The Real

The real is what mankind has been reaching out for with painstaking effort since ever it began to question as to the why and the wherefore of existence. But alas, the limitations of the human mind, so called, have been all too evident to the thinker. How often has he stood in abject impotence before the data with which material sense, purporting to be true, has furnished him, totally unable to find a clue to reality—that is, to absolute Truth! Speculation as to the nature of the real has indeed been rife enough in every philosophical school; but can it be said of any one of these that it has dared to advance beyond the theoretical into the realm of demonstrable truth?

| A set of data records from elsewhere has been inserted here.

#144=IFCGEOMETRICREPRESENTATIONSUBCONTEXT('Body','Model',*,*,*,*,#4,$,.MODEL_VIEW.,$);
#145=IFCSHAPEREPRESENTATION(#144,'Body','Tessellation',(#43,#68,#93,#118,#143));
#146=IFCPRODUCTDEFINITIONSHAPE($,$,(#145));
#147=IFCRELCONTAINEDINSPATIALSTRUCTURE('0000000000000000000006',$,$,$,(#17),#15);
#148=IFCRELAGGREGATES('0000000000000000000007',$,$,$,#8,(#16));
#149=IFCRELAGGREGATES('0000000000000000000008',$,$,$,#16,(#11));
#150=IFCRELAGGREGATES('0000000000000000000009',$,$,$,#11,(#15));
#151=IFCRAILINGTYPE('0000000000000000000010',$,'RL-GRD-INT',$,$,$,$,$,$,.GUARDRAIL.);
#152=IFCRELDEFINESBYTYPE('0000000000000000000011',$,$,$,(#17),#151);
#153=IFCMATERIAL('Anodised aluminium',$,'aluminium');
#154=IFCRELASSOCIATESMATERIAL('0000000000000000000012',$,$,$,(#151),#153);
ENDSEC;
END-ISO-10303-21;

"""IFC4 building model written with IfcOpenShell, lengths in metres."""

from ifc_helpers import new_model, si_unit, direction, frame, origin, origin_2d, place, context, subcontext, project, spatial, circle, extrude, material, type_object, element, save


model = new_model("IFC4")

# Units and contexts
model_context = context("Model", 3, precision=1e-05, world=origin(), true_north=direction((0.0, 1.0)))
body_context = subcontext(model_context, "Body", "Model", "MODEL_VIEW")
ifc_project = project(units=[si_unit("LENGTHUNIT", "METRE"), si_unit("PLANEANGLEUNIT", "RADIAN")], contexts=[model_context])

It is interesting to note that philosophical speculation has gone on side by side with revelation. For while philosophers have questioned and argued and theorized, religionists have prayed and had divine Truth revealed to them. It is therefore to the latter one has to go for the solution of reality. It is to them one has to turn if he would be enlightened on the nature of God and His creation. What then is the position to-day? Briefly, that the world is in possession of a vast store of spiritual treasure which has accumulated throughout the centuries, including the revelation of God and His law which has come through the Hebrew prophets and Christ Jesus, and in these later days through Christian Science.

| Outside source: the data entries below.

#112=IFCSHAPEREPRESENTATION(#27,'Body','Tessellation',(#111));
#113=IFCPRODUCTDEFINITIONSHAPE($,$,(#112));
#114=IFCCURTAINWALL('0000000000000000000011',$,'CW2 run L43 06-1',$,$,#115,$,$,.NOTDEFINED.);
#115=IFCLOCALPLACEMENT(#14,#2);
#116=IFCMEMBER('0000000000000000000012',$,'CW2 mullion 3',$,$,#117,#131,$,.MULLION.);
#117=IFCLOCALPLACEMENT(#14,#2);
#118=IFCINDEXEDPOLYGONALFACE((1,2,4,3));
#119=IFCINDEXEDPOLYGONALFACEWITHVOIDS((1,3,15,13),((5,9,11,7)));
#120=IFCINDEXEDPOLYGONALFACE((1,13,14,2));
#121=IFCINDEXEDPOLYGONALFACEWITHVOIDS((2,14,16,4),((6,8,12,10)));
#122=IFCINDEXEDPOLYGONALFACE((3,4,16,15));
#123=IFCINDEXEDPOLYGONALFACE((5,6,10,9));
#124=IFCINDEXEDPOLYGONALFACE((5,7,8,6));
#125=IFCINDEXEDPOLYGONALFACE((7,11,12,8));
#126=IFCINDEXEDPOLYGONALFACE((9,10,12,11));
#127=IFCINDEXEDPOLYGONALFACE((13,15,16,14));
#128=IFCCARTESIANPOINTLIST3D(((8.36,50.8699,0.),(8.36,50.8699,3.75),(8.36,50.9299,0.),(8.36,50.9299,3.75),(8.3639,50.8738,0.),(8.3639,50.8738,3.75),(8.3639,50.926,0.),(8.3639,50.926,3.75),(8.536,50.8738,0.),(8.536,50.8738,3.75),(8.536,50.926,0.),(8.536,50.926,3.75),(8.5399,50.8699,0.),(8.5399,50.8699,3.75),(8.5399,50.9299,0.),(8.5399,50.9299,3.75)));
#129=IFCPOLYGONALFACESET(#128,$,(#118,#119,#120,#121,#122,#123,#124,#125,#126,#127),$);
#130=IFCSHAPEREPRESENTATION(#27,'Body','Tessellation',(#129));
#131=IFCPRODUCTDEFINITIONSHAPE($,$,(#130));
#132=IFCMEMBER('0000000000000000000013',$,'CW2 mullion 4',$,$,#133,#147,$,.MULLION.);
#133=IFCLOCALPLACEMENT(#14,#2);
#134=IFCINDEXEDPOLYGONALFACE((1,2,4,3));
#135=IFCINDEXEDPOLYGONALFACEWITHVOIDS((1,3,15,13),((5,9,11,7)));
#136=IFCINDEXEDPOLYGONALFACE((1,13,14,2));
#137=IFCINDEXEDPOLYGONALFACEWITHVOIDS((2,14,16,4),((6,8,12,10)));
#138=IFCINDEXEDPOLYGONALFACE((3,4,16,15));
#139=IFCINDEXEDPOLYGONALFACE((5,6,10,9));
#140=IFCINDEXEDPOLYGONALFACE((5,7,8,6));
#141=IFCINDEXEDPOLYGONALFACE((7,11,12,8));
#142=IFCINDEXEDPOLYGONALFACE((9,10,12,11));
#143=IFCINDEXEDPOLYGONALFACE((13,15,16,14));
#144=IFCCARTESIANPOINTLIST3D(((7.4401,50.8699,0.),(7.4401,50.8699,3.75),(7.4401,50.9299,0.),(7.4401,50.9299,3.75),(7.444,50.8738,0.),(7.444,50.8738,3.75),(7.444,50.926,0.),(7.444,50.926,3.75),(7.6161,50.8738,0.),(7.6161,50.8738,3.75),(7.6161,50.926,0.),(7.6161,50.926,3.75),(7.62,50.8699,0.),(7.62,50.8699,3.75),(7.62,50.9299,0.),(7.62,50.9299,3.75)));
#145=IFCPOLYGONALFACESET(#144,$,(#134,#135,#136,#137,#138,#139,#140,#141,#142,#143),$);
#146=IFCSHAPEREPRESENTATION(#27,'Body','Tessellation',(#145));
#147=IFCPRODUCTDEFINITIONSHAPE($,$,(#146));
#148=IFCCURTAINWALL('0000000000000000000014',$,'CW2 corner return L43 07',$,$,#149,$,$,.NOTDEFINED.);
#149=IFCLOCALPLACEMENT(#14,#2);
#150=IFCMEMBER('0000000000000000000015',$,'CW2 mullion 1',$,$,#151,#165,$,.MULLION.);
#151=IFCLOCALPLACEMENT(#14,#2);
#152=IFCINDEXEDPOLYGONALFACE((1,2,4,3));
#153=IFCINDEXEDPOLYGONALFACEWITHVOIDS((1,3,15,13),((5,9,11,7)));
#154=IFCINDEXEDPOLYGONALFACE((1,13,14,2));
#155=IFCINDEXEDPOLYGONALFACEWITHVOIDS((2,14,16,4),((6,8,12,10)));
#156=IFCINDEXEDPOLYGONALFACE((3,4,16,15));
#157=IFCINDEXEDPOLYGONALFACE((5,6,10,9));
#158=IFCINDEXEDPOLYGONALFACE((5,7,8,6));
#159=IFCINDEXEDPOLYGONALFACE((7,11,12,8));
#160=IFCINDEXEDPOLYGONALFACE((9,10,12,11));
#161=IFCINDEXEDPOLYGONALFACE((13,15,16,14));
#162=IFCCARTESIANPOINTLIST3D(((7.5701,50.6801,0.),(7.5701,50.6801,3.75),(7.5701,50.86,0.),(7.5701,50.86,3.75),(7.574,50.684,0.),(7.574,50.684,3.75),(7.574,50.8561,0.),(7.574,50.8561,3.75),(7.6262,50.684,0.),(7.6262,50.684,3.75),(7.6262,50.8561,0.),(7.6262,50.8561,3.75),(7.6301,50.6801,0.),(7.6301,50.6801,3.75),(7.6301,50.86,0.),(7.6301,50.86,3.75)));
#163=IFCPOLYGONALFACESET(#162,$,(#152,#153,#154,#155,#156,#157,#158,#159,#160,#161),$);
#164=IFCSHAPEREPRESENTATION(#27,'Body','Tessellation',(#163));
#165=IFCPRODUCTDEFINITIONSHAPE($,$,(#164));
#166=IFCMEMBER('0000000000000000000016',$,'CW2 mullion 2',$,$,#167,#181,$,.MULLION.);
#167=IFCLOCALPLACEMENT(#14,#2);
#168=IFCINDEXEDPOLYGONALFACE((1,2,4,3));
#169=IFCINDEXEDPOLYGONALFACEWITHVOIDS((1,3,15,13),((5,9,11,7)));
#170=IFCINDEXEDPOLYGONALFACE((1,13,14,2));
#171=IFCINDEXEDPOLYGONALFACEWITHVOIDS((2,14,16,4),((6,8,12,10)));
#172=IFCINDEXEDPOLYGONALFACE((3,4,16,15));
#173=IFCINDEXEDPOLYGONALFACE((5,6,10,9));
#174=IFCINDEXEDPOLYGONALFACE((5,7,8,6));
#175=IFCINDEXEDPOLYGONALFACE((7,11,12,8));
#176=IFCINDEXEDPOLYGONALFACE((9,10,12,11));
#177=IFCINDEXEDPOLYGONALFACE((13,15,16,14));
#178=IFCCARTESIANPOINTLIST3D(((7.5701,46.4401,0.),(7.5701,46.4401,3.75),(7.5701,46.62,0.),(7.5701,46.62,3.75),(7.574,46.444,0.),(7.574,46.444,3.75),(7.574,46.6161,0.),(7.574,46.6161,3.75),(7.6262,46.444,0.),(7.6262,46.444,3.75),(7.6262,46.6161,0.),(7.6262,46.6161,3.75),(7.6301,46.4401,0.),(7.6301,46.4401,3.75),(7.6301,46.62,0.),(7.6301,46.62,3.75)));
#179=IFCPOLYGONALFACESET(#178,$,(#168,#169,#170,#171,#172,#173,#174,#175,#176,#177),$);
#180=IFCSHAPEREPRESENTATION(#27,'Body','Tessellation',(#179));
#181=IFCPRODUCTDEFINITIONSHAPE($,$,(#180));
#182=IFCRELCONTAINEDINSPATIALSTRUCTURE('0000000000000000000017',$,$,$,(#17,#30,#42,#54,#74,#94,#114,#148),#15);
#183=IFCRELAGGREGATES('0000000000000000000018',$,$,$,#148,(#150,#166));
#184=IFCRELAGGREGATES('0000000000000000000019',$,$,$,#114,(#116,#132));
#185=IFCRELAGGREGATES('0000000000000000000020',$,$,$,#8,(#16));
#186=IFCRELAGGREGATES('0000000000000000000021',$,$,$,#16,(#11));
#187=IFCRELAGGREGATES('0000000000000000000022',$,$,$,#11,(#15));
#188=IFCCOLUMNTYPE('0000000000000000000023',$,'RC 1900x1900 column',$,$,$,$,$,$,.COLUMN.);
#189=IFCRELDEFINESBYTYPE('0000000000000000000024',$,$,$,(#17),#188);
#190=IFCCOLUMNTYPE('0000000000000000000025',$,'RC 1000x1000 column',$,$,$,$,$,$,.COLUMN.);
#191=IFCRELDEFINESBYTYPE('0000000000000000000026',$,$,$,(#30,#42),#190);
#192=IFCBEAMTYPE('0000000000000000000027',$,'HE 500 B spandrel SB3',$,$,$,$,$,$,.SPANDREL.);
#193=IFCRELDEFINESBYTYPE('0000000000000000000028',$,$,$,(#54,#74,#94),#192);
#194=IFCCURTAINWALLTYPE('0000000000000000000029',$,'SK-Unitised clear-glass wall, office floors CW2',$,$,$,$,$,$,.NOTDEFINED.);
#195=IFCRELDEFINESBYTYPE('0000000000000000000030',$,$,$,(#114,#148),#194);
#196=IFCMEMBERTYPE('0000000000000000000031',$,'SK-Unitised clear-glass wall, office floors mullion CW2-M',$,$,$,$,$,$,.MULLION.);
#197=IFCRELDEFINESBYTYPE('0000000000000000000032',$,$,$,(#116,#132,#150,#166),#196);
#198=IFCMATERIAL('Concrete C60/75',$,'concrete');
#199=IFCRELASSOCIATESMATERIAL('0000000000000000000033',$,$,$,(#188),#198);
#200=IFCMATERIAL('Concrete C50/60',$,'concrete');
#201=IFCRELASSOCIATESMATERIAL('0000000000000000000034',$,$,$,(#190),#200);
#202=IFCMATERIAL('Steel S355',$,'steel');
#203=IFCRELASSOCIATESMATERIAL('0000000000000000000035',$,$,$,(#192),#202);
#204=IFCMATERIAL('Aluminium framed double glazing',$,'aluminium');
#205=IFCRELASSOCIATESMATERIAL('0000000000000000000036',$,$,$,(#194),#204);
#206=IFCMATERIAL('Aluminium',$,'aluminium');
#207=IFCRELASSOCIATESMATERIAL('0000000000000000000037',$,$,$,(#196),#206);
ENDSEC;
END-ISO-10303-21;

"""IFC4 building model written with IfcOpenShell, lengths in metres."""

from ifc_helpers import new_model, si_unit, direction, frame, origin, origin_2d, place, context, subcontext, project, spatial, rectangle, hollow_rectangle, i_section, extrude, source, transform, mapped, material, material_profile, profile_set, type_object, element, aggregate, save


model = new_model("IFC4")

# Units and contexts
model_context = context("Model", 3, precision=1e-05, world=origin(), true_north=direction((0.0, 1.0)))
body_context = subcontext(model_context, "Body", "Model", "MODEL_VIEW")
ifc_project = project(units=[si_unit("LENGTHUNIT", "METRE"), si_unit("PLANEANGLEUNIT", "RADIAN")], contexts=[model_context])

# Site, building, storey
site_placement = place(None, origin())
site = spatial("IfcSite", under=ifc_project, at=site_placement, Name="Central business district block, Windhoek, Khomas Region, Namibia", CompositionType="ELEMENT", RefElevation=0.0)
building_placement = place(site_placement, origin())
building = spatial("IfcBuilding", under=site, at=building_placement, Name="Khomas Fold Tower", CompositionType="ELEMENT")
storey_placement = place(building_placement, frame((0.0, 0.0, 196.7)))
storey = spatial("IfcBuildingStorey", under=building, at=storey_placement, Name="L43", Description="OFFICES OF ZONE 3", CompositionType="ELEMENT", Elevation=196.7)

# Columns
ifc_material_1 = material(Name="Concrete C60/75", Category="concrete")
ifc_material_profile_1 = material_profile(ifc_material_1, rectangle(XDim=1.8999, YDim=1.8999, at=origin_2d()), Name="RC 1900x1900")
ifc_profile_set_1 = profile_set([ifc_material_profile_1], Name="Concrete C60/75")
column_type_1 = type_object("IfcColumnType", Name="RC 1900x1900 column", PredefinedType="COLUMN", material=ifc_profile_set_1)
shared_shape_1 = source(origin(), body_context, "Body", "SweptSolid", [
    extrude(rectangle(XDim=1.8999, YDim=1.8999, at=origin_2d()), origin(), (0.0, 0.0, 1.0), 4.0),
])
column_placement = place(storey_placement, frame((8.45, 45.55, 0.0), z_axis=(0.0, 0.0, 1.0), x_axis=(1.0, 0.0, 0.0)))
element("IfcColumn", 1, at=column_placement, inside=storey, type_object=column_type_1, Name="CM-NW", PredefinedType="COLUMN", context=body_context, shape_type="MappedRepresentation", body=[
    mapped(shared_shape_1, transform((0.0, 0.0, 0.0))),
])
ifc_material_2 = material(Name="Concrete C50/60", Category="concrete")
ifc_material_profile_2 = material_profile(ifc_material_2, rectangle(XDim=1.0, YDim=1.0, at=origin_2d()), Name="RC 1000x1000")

In Christian Science the climax of revelation has been reached; and here also is to be found preserved and cherished the spiritual truth perceived by the prophets and by Christ Jesus. Christian Science, the discovery of Mary Baker Eddy, was indeed made possible by the revealed truth of the Bible. Mrs. Eddy acknowledged the fact when she wrote that "the Bible was her sole teacher" (Science and Health, Pref., p. viii). And the Bible remains an honored and faithful guide to the Christian Scientist in his study of reality and in his endeavor to gain the spiritual understanding which overcomes the unreal.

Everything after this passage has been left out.